FD: Yes, but using carafes is not ideal for all of our wines because it is an oxidative shock for the wine. It allows wines to open, to have more volume in the mouth because part of the carbonic gas escapes when pouring the champagne into the carafe. That is why using carafes is suited for certain of our vintage champagnes. It is interesting to get an idea of what carafes can bring and to compare that with a wine served straight into a glass, where it opens up little by little by warming up.
BC: What role do reserve wines play in reproducing your style?
FD: Reserve wines allow us to have a certain opulence in our champagnes and get a consistent style year after year. 50% to 55% of our Brut Réserve is made up of reserve wines.
FLORENT NYS: We sort reserve wines by year. We have wines from 2012, 2013, 2014, 2015. Until last year (2016) we still had wines from 2008. It is only a small proportion, but we had to keep them to create the blend that we seek.
BC: What is your view on the current trend of producing single-parcel cuvées to express the individuality of the terroirs?
FD: Single-parcel wines are a stylistic choice and a bit of a trend. At BILLECART-SALMON, our philosophy remains to blend different wines and to obtain champagne that is likeable, gracious, accessible, and enjoyable. We also make vintage blends that express the aromatic characteristics of that year. These are more powerful wines that must remain accessible. Our prestige cuvée Nicolas François is a vintage wine that can age longer, gaining additional body as well as elegance.
BC: You have brought in a new winery with over 450 barrels to vinify vintage wines in oak casks. Why did you make such a choice?
FD: Wines kept in wood bring more complexity and more aromas to our champagnes, all while keeping a balance. That said, we use very little of those wines – about 3 to 4% – in our cuvées. We also make liqueurs d’expedition with these wines to give a final touch to our champagnes.
BC: So why did you choose to make a champagne that is vinified completely in wood, the Brut Sous Bois?
NYS: We decided to make this cuvée and vinify it completely in wood to show our style of wine that has been vinified in barrels compared to non-vintage bruts [vinified in steel vats], and to make a cuvée that is different from the others.
Since the 70’s, with the introduction of stainless steel vats that are easier to manage than wooden barrels, champagne production has become a lot more automated. We asked ourselves if we had not strayed too far away from tradition and, therefore, we decided to go back a bit and work with old techniques to make new things. We have several coopers and we get different results in our wines from one cooper to the next. We also realized that certain grapes express themselves better in certain barrels. It has taken us 20 years to develop these skills that we express with the Brut Sous Bois cuvée.
BC: You have lowered the dosage of your wines. Why? Is dosage still necessary?
NYS: Dosage is necessary to keep a champagne balanced, it is part of the process.

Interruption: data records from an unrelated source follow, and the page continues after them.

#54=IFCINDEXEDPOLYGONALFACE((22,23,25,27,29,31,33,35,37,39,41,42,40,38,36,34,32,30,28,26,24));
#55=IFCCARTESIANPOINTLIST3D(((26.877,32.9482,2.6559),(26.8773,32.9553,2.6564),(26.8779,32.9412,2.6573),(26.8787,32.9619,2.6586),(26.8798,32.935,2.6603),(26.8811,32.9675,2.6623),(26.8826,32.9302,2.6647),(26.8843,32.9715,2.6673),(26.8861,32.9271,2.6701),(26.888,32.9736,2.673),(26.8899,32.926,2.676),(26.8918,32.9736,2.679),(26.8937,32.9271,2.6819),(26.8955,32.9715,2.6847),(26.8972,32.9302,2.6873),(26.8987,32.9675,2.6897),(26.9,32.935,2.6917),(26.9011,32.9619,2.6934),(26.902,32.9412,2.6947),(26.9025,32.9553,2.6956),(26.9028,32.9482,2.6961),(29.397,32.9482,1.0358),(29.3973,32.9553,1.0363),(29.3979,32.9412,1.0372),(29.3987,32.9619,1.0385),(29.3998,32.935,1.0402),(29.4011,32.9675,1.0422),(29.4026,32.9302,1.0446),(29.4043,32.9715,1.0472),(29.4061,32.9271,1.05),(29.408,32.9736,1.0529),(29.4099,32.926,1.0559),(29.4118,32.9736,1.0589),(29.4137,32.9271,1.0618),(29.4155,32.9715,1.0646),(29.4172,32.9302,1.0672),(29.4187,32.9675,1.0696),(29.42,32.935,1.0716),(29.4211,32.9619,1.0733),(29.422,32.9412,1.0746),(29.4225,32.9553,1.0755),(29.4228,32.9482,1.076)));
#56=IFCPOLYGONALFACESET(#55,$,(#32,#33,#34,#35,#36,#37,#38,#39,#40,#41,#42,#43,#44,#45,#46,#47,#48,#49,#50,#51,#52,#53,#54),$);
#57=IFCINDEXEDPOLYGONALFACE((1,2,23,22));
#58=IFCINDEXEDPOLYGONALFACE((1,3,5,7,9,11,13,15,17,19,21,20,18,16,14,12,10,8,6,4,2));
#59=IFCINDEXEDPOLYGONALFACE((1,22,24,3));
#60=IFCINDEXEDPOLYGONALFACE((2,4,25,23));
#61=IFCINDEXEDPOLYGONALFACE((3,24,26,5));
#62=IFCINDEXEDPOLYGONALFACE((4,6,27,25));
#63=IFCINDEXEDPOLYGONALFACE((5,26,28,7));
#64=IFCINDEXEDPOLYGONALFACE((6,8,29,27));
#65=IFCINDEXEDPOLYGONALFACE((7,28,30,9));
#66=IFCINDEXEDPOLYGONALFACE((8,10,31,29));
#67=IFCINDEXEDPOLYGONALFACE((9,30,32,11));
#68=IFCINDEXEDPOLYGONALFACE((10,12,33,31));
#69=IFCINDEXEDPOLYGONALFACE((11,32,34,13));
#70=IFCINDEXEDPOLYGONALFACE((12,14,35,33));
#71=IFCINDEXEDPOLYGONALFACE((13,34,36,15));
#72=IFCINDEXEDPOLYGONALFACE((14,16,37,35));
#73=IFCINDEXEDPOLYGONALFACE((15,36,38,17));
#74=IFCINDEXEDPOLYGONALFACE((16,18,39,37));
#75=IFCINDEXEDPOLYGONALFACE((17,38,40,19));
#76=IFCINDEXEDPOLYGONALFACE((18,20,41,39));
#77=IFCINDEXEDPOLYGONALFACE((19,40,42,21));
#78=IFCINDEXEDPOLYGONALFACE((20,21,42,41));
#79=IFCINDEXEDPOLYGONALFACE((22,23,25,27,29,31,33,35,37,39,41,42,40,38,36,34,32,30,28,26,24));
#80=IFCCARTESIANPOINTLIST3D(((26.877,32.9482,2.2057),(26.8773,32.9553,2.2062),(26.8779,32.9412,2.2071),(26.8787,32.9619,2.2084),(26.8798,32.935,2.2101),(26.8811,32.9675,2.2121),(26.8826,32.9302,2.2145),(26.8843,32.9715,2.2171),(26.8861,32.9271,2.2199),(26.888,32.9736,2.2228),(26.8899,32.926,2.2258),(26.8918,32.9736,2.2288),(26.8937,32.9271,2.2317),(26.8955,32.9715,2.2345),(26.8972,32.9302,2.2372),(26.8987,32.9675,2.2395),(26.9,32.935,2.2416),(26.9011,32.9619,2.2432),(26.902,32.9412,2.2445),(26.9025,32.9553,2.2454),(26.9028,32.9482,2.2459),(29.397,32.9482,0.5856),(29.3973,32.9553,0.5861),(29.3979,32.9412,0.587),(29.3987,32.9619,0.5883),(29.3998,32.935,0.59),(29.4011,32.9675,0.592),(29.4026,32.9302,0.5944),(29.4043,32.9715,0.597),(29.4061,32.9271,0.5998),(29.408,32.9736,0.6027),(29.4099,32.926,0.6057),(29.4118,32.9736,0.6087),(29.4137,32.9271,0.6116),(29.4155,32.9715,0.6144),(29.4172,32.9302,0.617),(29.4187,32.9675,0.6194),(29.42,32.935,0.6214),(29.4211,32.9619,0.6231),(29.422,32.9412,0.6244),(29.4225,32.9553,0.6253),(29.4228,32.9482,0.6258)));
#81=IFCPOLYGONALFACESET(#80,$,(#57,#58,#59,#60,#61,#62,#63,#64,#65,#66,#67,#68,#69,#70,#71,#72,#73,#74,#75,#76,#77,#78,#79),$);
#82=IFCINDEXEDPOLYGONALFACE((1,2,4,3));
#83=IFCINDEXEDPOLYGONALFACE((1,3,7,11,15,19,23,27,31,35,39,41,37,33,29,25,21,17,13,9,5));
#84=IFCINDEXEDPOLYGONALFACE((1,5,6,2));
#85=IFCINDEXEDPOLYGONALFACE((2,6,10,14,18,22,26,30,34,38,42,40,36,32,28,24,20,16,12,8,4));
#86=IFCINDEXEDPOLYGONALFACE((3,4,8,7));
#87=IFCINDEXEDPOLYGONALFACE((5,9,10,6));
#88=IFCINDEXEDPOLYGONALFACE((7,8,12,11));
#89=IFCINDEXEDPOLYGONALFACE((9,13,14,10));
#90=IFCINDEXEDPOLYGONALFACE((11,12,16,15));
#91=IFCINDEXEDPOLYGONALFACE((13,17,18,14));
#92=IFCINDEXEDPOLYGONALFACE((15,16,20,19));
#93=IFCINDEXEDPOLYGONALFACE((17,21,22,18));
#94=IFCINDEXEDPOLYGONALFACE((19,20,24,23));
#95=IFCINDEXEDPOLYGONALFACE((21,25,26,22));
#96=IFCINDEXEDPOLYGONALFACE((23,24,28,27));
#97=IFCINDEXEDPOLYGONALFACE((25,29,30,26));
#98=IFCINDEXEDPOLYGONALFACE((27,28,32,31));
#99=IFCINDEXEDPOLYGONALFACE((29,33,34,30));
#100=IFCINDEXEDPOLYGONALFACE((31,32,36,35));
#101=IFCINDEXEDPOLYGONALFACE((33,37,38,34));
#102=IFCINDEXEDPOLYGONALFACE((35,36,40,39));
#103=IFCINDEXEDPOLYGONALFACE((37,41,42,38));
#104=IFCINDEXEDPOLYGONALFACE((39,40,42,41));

However, we lowered the dosage because of global warming that leads to earlier harvests where we can see a lower yield in grapes that are more concentrated [in sugar] as a result.
FD: It is also a cultural aspect through which the consumer looks for more aromas [and sugar partially hides the aromas]. Cuisine has been refined, so we needed champagnes to go with it, which meant having a lower dosage. However, there are wines that need a higher dosage.
NYS: Tasting champagnes and mastering dosages is what matters. Certain champagnes deserve a dosage to be complete, but you have to make sure that you respect the wine’s identity, the wine must not lose out to sugar. Conversely, you need to be careful not to fall into austerity.